The provision requires the fund to determine the amount that would have been paid as a superannuation lump sum if contributions were not included in the assessable income of the fund.
Section 295-485 of the ITAA 1997 is a rewrite of section 279D of the ITAA 1936. The Explanatory Memorandum to Taxation Laws Amendment (Superannuation) Bill 1989 states in relation to section 279D of the ITAA 1936 that the provision:
... is intended to ensure that the level of death benefits that can be paid from a complying superannuation fund ...are not reduced as a result of tax on taxable contributions.
Similarly the Explanatory Memorandum to Tax Laws Amendment (2007 Measures No. 4) Bill 2007 states in relation to section 295-485 of the ITAA 1997 that:
... the increased amount is equal to the tax paid for contributions included in the assessable income of the superannuation entity.
The extracts from the Explanatory Memorandums above make it clear that the intent of the deduction under section 295-485 of the ITAA 1997 (being a rewrite of the former section 279D of the ITAA 1936) is to ensure death benefit payments are not reduced as the result of the introduction of tax on contributions.
The deductible expenses of the fund include expenses incurred either directly or indirectly in relation to the taxable contributions of the fund. However, section 295-95 of the ITAA 1997 (for the 2007-08 income year onwards) and section 277 of the ITAA 1936 (for earlier income years) provide that in determining whether an expense is deductible, contributions should be taken to be assessable income of the fund, whether or not the contributions are actually included in assessable income. Accordingly, the deductible expenses of the fund in relation to contributions would be deductible whether or not the contributions were assessable. The deductible expenses therefore should not affect the calculation of the 'tax saving amount'.

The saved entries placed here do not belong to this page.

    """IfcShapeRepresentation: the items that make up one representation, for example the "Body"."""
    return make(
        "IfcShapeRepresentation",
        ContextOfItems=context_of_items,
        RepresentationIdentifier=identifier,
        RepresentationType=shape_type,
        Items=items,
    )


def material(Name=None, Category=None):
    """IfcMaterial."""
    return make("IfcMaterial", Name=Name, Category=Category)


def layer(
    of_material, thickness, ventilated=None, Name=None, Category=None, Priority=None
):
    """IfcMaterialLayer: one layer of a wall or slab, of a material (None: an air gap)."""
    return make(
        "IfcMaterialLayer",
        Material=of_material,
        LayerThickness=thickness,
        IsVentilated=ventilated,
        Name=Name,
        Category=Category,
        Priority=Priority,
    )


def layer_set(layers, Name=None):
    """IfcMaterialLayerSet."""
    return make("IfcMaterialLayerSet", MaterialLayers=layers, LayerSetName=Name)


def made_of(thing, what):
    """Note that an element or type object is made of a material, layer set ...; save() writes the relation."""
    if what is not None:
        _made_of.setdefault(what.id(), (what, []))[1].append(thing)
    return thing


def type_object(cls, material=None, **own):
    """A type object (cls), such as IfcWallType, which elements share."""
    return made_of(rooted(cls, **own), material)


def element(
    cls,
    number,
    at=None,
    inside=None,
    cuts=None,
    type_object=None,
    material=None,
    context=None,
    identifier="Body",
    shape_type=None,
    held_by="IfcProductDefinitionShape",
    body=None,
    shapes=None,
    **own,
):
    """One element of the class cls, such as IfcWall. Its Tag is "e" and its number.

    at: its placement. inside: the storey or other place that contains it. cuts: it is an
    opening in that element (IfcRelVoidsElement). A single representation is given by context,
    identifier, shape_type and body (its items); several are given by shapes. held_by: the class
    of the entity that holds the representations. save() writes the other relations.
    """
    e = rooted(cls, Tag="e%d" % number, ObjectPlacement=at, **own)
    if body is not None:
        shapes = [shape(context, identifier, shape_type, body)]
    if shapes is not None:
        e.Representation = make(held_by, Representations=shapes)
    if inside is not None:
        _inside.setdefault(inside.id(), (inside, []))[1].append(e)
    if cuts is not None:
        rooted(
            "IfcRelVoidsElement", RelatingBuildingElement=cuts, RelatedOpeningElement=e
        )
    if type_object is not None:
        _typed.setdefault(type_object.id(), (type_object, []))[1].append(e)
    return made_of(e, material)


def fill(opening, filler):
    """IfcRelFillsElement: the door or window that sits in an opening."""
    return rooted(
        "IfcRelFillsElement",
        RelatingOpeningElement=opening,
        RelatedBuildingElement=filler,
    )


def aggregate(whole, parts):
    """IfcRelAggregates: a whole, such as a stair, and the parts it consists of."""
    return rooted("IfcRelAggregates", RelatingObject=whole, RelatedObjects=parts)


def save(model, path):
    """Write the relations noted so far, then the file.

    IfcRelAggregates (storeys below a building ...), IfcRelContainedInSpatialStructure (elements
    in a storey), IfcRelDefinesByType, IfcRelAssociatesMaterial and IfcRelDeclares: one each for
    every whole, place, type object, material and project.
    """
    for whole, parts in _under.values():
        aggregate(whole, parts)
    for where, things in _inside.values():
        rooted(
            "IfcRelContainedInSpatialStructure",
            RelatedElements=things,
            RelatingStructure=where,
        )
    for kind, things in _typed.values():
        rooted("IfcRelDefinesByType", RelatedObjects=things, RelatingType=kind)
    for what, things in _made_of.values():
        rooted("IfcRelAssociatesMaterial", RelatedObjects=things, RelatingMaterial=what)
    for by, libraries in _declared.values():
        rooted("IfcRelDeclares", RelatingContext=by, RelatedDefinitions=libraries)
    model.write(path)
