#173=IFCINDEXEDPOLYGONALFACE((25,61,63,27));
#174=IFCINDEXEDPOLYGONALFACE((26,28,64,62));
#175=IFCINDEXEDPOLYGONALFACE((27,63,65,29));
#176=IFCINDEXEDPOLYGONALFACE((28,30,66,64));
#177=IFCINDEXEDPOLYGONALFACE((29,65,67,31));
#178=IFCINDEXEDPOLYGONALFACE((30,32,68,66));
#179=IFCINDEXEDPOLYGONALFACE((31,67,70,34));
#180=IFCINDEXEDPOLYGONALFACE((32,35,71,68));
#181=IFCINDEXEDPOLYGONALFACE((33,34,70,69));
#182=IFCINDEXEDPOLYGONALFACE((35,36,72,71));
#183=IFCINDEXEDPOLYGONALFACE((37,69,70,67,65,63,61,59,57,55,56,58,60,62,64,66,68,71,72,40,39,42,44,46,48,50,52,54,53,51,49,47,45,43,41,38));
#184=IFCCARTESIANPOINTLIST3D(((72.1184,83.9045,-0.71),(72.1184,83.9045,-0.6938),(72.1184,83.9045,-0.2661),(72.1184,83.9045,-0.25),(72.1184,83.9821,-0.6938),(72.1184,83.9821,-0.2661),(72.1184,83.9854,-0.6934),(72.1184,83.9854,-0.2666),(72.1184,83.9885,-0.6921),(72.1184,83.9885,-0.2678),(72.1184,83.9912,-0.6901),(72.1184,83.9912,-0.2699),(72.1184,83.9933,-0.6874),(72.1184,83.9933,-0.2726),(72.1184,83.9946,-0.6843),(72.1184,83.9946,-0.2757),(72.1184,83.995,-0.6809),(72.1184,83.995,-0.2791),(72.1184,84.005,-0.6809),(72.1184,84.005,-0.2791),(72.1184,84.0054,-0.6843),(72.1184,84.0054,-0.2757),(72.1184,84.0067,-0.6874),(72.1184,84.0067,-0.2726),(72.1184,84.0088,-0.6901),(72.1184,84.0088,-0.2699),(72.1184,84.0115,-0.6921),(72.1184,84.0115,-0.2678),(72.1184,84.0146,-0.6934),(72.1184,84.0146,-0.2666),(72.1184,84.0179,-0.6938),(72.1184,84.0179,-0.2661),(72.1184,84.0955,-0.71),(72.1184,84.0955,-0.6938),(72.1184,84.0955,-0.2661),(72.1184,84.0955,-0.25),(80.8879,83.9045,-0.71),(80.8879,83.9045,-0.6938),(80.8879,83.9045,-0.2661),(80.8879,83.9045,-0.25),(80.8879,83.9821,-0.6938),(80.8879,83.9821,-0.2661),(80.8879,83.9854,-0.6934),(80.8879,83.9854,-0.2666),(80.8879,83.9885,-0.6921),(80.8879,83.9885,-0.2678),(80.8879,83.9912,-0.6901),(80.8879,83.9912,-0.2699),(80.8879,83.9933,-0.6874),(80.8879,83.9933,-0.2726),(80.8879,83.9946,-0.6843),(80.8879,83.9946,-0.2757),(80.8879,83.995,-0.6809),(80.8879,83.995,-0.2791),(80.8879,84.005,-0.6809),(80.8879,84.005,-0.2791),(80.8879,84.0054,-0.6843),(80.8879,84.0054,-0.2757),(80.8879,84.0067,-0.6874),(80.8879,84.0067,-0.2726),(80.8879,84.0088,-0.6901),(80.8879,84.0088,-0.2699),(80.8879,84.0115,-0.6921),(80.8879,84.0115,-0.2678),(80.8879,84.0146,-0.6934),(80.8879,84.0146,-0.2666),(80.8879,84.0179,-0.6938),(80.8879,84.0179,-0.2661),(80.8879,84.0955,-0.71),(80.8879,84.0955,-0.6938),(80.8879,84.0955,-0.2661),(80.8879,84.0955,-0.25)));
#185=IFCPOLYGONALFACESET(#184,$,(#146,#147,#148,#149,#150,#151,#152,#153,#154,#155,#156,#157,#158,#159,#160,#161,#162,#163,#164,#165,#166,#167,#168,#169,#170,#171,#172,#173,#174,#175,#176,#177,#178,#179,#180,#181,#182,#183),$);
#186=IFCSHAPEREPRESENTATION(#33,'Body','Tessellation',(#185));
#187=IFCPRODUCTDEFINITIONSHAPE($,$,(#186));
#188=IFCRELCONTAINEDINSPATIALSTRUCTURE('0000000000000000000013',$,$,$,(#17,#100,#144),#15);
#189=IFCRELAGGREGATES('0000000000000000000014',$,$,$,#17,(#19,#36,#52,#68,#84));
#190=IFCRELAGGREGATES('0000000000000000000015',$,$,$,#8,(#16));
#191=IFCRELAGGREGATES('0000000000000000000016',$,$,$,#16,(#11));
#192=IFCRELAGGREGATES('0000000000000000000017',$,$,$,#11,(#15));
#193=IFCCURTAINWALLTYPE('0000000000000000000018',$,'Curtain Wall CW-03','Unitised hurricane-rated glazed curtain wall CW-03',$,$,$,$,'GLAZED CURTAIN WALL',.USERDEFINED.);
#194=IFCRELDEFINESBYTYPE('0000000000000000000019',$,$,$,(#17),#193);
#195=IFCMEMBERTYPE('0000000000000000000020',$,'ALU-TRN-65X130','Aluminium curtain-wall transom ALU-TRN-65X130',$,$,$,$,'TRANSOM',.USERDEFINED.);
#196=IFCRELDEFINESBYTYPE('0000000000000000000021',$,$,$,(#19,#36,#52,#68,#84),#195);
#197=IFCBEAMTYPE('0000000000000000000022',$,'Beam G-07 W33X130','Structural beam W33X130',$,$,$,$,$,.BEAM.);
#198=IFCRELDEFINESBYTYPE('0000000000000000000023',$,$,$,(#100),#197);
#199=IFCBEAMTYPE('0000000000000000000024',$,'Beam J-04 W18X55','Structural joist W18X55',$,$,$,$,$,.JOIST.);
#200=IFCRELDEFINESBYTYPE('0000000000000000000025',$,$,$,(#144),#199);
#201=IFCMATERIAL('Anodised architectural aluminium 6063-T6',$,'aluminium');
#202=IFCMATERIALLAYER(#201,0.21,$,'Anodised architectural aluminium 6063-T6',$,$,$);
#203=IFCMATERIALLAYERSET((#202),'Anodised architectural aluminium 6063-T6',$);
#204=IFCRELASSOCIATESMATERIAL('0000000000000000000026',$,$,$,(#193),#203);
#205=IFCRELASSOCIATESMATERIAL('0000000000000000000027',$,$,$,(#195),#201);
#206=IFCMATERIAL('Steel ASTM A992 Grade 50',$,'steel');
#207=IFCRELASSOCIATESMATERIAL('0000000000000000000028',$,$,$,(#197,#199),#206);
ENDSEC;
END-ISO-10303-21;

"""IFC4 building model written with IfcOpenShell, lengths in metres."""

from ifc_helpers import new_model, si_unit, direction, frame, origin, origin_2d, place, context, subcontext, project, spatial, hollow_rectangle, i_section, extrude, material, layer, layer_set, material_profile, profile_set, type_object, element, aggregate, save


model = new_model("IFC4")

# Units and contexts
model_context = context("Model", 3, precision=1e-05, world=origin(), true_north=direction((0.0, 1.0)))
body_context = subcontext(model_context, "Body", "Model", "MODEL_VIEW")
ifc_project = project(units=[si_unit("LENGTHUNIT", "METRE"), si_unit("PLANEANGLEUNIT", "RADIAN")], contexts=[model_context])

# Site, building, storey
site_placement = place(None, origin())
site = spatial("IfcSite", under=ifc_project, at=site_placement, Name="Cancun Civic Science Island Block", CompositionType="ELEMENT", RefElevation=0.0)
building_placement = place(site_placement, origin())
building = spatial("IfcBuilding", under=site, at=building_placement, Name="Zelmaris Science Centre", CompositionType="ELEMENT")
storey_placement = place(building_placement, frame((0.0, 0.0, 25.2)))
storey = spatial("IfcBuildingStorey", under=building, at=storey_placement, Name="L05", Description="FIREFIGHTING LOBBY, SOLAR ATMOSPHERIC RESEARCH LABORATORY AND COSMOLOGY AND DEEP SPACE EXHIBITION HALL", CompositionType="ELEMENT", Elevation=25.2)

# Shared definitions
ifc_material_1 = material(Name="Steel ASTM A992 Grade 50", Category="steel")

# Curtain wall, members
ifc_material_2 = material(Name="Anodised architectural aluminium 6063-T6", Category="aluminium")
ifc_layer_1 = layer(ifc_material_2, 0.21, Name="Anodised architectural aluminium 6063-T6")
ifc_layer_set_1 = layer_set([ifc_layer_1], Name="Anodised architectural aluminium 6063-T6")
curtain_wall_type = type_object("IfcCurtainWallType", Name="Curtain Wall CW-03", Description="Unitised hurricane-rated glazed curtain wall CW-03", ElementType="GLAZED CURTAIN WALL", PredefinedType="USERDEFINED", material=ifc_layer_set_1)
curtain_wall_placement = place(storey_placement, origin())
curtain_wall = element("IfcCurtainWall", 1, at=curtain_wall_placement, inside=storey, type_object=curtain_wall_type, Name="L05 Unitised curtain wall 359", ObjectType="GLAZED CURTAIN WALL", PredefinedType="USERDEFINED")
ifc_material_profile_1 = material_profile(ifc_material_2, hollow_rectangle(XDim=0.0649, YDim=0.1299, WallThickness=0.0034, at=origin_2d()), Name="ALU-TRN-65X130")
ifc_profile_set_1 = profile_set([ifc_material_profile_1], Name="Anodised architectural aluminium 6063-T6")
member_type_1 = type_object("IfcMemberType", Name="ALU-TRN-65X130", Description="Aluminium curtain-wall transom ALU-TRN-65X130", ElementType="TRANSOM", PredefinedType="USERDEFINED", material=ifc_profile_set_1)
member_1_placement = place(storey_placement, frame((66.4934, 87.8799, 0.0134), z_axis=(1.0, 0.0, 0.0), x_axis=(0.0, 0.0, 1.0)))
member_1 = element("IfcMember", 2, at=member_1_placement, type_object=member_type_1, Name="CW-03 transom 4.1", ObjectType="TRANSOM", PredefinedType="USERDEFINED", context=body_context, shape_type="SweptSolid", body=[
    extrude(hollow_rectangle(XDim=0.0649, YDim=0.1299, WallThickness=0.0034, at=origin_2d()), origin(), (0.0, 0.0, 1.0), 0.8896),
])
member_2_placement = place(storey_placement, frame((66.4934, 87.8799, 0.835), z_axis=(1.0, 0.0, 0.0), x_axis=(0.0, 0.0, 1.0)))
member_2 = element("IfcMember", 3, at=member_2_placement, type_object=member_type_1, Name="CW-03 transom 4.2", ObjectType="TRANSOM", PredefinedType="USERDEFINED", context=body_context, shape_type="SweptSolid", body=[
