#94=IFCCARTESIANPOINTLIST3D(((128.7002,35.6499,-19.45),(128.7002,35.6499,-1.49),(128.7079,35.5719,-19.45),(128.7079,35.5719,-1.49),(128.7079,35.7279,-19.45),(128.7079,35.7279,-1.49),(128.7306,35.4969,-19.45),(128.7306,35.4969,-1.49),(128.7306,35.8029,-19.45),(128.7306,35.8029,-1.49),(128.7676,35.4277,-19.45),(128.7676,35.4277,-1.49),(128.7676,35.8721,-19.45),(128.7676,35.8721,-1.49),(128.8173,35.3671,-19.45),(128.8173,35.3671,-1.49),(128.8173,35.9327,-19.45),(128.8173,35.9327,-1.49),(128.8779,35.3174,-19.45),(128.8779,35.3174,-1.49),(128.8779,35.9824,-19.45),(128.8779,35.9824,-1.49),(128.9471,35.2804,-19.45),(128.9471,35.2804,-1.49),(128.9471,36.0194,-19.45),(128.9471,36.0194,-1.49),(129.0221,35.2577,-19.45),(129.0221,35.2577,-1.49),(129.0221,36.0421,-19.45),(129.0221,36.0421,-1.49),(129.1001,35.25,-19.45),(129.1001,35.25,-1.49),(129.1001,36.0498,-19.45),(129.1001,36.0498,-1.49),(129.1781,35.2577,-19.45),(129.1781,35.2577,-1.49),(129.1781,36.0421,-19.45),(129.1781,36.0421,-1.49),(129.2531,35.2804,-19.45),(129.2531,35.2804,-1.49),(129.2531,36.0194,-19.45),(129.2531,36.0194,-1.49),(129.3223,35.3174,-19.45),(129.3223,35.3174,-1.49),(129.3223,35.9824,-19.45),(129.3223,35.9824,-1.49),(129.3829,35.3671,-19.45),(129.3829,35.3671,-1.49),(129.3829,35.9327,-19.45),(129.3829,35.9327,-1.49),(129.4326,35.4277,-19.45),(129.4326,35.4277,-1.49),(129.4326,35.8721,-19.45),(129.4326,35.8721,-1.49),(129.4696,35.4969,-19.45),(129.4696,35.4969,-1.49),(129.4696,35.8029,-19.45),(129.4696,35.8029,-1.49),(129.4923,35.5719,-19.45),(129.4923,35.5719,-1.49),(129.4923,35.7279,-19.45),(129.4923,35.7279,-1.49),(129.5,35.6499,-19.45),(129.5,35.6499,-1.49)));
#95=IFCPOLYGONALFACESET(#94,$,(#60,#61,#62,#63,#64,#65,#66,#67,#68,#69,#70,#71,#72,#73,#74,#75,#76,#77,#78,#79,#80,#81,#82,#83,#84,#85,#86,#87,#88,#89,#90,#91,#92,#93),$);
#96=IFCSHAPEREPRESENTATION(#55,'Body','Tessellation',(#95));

Accordingly, to satisfy the intent of section 295-485 of the ITAA 1997, the calculation of the effect of tax on the contributions received by the fund trustee should be done without regard to expenses, including expenses incurred either directly or indirectly in relation to those contributions.
Therefore, in calculating the 'tax saving amount' for the purposes of paragraph 295-485(1)(b) of the ITAA 1997, the fund trustee is not required to take into account expenses that are deductible against the assessable income of the fund.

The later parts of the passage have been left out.